Even More Remarkable Canvases of the World

A blank canvas, yet to be touched with an artist’s mark, is a rather unassuming thing. While there’s certainly an aesthetic pleasure to be had in its straight lines, finely woven texture and stark, particular whiteness, a blank canvas is highly unlikely to garner an excessive amount of attention.

While pristine and beautifully crafted, a canvas is unlikely to become famous until it's painted on.

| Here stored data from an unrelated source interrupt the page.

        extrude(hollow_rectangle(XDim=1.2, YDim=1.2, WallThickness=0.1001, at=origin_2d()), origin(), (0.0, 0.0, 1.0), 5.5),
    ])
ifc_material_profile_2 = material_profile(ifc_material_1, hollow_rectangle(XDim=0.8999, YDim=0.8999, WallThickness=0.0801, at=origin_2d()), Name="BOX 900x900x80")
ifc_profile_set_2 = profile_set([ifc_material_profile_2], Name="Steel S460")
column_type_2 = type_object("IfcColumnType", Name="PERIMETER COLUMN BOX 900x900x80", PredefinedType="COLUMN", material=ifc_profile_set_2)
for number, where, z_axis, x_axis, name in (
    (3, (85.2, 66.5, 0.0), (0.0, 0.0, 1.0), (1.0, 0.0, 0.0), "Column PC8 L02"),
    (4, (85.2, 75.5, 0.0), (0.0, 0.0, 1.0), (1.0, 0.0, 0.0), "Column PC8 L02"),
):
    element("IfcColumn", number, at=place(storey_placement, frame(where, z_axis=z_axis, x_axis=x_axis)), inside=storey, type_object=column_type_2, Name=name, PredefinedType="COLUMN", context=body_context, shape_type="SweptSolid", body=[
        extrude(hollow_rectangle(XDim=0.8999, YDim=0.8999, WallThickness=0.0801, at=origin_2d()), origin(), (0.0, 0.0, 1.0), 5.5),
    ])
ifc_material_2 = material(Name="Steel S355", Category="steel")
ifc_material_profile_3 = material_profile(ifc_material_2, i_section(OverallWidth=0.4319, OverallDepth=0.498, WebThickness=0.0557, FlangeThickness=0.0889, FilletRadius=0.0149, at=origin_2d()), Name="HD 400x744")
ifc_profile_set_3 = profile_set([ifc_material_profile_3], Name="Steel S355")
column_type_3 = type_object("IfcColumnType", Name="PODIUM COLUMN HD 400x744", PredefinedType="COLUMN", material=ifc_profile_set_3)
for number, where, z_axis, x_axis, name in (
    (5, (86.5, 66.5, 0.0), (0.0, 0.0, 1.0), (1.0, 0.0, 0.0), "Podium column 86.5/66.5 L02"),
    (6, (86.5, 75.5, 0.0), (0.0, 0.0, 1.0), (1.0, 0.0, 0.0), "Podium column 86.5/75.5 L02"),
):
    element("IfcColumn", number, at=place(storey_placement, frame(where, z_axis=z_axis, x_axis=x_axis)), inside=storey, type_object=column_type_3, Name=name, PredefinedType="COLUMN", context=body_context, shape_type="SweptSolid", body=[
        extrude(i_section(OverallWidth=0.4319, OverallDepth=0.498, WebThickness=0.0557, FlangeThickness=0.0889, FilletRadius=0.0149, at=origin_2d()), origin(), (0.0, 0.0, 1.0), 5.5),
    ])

However, when that same humble, if beautiful, piece of unadorned fabric-on-stretchers happens to meet with an agent of color and the mind of an artist, it’s suddenly transformed into a different object entirely, and one with infinite possibilities. Some canvases may even be so particularly and uniquely marked that they become remarkable, and those canvases can be very interesting indeed. Today we’re venturing once again into the subject of the world’s most remarkable canvases, this time looking at the world’s smallest and first canvases ever painted. While both instances are difficult to determine exactly, the attempt to do both reveals some very interesting results.

The World’s Smallest Canvas…Competition

In our last remarkable canvas entry we showed you the world’s largest canvas, but this time we’re sliding down to the other end of the spectrum. Unlike the world’s largest, however, there is no recognized “world’s smallest canvas,” but what there is, is perhaps just as interesting. We’re talking about the World’s Smallest Stretched Canvas Competition held by the Hudson Valley Gallery in Cornwall-on-Hudson, a small town in the southern tip of New York state. Founded in 2008, the competition is put on once a year by artist and gallery owner Paul Gould, and it attracts a few hundred entries every time it’s held.

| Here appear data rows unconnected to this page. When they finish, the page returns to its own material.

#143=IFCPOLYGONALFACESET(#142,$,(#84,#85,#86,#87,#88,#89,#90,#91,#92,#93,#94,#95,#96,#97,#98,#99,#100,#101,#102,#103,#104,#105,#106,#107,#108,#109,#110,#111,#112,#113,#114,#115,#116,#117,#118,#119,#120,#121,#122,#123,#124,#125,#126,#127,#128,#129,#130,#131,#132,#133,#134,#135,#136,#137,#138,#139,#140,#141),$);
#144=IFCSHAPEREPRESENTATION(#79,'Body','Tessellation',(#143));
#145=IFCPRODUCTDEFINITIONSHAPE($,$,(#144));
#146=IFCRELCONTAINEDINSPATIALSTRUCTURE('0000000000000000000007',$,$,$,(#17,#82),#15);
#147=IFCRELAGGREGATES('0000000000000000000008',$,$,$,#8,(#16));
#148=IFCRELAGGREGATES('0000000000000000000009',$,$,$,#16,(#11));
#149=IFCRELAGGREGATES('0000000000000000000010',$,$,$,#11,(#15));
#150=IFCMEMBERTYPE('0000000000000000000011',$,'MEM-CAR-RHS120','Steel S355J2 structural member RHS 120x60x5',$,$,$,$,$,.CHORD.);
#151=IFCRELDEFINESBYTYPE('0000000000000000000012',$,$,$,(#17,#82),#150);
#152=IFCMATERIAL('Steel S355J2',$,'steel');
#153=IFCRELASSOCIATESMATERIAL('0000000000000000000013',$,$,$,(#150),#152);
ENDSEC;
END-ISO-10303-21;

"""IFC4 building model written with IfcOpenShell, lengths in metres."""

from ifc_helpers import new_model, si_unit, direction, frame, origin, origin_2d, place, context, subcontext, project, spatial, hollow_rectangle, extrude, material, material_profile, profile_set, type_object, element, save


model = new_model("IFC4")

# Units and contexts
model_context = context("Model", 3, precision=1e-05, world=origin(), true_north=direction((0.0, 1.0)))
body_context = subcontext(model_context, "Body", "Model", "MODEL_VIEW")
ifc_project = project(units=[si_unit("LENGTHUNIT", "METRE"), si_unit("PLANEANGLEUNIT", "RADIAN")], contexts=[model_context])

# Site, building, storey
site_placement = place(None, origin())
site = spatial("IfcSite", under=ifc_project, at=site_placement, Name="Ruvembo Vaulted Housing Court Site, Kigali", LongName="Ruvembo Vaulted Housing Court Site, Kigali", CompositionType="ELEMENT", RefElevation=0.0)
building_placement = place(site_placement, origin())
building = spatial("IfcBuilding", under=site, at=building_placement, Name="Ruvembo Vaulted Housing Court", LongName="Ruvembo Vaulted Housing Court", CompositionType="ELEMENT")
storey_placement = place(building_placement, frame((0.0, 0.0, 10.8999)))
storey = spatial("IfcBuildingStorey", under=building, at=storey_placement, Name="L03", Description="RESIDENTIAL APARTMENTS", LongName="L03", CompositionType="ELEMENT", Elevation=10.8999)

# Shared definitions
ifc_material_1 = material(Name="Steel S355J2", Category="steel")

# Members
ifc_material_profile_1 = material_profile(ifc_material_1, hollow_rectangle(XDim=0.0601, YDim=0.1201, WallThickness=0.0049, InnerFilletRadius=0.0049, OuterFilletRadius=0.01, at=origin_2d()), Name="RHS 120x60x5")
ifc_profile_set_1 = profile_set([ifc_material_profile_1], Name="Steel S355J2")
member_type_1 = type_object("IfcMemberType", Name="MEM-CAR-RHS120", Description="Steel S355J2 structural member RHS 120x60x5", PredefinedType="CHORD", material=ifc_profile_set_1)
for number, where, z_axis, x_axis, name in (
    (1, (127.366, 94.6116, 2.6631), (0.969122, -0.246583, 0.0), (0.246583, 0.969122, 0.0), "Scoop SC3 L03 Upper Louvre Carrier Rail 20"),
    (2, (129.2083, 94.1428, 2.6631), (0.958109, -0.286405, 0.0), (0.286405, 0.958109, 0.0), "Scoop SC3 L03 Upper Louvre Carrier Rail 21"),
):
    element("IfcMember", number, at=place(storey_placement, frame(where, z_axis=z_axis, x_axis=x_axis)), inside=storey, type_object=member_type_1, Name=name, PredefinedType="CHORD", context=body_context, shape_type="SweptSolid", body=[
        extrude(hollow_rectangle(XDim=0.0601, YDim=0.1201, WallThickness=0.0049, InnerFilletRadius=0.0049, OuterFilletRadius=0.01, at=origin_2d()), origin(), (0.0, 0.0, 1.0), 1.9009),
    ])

The rules of the competition are simple: each entry must be an oil or acrylic painting on a 1” x 2” canvas and it must be mailed or hand-delivered to the gallery by a set date along with a $10 entry fee. A panel of judges then selects the best of the bunch, and the artist is awarded a $500 prize. Each painting in the competition must be allowed to be for sale by the gallery, who then collects the profits. If you’re interested, take a look at their website and keep an eye out for the next instance of the competition!

The Search for the Earliest Painted Canvas in History

Like the world’s smallest canvas, it’s difficult to pinpoint the earliest painting on canvas, as many have not survived and some are difficult to date. However, unlike the smallest, we do have a few particular instances of canvas use that are good candidates for the world’s oldest surviving canvas painting. One well-known early canvas painting is recognized as the earliest oil painting on canvas, a French painting from 1410 known as Madonna with Angels. However, another canvas painting from twenty years earlier in 1390, interestingly also a Madonna, called The Madonna of Humility by Lippo di Dalmasio is held by The National Gallery in London to be their earliest canvas painting. A 1955 Time magazine article talks about a 13th century canvas painting that is, surprise, also of Madonna, though that particular instance was canvas over panel.

"The Madonna of Humility" by Lippo di Dalmasio, 1390.

In terms of famous artists, the Italian Renaissance painter Giovanni Bellini was known to use canvas in his works, which were created in the mid to late 15th century. Bellini is well-known for being the teacher of Titian, another famous painter who used canvas a great deal. While canvas didn’t become popular as a medium for painting until the 1400’s, there’s evidence that something like canvas was in use far before that. Ancient Egyptians and Romans painted on a linen fabric plastered over surfaces, especially in funerary objects. Additionally, the use of painted cotton sheets in celebrations is recognizable as far back as the Middle Ages, if not farther, though these sheets were likely not woven in the same manner as traditional canvas.

There are many kinds of canvas experts, from those that stretch canvas to those that date them.

Though we may never know the exact oldest use of canvas, and though the smallest canvas designation is both difficult to determine and likely to change, it can’t be denied that the search for both is useful as it reveals some absolutely spectacular uses of the material that is now the dominant medium for artistic creation. With technology in the fields of dating and canvas creation advancing every year, and more and more remarkably small or ancient canvases are brought to light, it’s likely that more information on this field will be available in the next few decades. With the search for the smallest and oldest canvases already having revealed such remarkable works, we simply can’t wait to see what comes to light next.